Quand l’ancien redevient moderne
Si l’extérieur est résolument moderne, l’habitacle adopte avec plaisir un esprit d’antan (au regard des standards de 2026 obsédés par les écrans et dépourvus de boutons). Et pour cause, Hennessey a fait de la grille apparente de la boîte manuelle le point central de l’intérieur, tandis que le reste de l’habitacle tranche fortement avec les supercars modernes. En plus de la troisième pédale devenue rare, la Blackbird ne comporte aucun écran.
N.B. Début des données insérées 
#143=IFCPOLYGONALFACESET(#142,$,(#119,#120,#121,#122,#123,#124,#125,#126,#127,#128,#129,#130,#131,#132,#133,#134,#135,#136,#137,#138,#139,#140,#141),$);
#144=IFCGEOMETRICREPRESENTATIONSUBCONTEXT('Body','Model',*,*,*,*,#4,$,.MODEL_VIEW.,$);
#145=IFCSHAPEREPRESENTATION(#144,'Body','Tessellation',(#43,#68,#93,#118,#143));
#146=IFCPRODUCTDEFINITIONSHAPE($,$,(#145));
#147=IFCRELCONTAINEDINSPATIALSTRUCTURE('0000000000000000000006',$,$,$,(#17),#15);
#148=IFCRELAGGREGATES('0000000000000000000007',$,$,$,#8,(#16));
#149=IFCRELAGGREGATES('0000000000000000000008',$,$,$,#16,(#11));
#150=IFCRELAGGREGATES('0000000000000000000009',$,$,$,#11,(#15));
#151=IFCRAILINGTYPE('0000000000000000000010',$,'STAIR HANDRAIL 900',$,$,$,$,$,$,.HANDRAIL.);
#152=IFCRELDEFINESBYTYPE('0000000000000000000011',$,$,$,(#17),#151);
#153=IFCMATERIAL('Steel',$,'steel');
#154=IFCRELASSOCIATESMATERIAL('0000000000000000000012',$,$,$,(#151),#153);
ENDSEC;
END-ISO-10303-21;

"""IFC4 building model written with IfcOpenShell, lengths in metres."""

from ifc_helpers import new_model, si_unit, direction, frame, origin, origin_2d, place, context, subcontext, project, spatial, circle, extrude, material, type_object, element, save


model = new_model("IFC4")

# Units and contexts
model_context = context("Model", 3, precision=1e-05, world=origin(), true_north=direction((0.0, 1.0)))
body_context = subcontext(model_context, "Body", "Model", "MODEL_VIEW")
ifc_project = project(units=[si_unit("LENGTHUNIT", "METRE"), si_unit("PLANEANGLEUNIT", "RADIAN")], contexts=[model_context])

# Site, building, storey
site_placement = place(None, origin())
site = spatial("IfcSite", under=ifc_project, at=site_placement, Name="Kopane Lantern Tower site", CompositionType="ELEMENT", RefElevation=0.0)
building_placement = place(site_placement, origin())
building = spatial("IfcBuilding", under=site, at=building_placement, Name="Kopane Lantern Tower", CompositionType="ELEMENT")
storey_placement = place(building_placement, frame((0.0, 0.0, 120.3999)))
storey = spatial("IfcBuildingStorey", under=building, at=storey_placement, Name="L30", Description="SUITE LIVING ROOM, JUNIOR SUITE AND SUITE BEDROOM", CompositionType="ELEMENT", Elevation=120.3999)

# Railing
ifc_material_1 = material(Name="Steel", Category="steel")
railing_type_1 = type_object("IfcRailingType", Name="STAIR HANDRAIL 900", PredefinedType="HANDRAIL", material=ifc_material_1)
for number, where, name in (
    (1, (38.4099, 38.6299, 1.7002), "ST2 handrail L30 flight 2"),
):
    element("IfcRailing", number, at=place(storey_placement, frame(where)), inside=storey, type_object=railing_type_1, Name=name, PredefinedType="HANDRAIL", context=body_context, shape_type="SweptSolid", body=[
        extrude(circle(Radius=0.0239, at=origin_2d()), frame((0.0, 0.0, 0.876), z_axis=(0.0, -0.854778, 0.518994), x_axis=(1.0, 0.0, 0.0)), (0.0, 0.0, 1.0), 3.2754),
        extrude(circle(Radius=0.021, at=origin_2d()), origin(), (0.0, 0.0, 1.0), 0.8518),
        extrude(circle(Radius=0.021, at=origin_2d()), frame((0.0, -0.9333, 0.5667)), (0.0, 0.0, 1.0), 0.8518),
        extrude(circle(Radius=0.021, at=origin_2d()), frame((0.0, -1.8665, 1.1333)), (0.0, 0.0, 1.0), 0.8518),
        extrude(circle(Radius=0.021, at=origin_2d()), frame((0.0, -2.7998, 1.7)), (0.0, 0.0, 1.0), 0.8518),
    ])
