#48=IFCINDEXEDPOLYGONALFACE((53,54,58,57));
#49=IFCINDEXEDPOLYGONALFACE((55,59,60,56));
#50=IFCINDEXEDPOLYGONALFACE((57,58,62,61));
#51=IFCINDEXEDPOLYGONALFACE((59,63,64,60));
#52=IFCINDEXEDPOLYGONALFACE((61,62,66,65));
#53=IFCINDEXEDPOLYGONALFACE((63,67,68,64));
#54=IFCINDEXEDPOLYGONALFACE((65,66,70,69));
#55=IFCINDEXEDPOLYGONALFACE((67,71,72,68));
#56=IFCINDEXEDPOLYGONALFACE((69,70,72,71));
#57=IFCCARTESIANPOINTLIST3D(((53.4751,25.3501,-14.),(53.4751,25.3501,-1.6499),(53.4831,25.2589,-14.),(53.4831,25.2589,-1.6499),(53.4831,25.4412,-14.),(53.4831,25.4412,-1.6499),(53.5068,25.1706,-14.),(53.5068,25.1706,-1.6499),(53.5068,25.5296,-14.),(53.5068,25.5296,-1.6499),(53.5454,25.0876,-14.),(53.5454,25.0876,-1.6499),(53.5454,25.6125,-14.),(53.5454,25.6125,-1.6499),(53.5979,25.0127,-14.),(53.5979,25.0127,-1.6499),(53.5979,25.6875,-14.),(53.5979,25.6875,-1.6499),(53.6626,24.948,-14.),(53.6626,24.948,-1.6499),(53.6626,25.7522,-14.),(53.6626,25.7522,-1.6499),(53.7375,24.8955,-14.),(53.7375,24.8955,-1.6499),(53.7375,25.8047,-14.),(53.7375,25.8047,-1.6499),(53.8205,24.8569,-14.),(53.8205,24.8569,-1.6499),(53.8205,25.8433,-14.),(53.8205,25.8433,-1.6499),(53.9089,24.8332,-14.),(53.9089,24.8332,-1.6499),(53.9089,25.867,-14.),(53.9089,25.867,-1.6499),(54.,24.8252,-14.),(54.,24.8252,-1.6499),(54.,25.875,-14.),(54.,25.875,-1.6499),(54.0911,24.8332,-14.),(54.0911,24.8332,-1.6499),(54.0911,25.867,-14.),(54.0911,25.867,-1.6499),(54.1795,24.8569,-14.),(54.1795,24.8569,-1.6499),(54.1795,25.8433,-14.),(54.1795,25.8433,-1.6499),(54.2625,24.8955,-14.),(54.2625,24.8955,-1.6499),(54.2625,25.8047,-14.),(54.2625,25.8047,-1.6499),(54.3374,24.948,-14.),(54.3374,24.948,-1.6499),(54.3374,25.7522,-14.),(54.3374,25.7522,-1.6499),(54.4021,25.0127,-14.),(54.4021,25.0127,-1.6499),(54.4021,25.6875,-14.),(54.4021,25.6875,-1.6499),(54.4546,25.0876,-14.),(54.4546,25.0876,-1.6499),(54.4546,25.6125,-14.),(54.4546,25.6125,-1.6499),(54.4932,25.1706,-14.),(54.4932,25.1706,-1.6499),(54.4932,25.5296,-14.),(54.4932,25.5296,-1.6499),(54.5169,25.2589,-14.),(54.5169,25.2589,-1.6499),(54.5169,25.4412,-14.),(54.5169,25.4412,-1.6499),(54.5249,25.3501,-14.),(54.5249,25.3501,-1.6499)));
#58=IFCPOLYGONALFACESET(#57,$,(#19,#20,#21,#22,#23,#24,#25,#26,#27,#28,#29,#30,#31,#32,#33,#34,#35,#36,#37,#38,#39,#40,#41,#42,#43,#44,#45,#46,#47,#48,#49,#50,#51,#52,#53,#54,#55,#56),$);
À la place, elle propose cinq cadrans analogiques dans le champ de vision du conducteur, avec un compte-tours gradué jusqu’à 10 000 tr/min placé au centre. De nombreuses commandes physiques permettent d’accéder rapidement aux fonctions les plus utilisées, dont une molette rotative entre les sièges pour changer de mode de conduite. On trouve pas moins de quatre porte-gobelets dans une voiture qui ne compte que deux places, mais c’est plutôt un bon problème à avoir.
Levez les yeux, et vous trouverez le bouton de démarrage dans la console de pavillon, accompagné d’autres interrupteurs qui poussent encore plus loin le thème aéronautique. Pour enfoncer le clou, le message « turn and burn » vient lui aussi de l’aviation : il désigne le moment où un avion s’aligne sur la piste et entame sa course au décollage dans un seul mouvement continu. Et oui, les volets arrière peuvent aussi être actionnés manuellement.
Par rapport à la Venom F5 qu’elle remplace, la Blackbird promet un meilleur confort grâce à des niveaux de bruit, vibrations et rudesse (NVH) en baisse. Sa surface vitrée plus importante améliore également la visibilité vers l’extérieur, tandis qu’une suspension adaptative est censée mieux filtrer les imperfections de la route.
Hennessey achèvera la production de la Venom F5 en 2028, si bien que la nouvelle Blackbird n’arrivera pas avant 2029. Seulement 71 exemplaires seront produits, à un tarif de 2,5 millions de dollars l’unité, hors taxes. Elle ne sera pas réservée aux États-Unis, puisque cette nouvelle supercar a été homologuée pour les marchés mondiaux, airbags compris.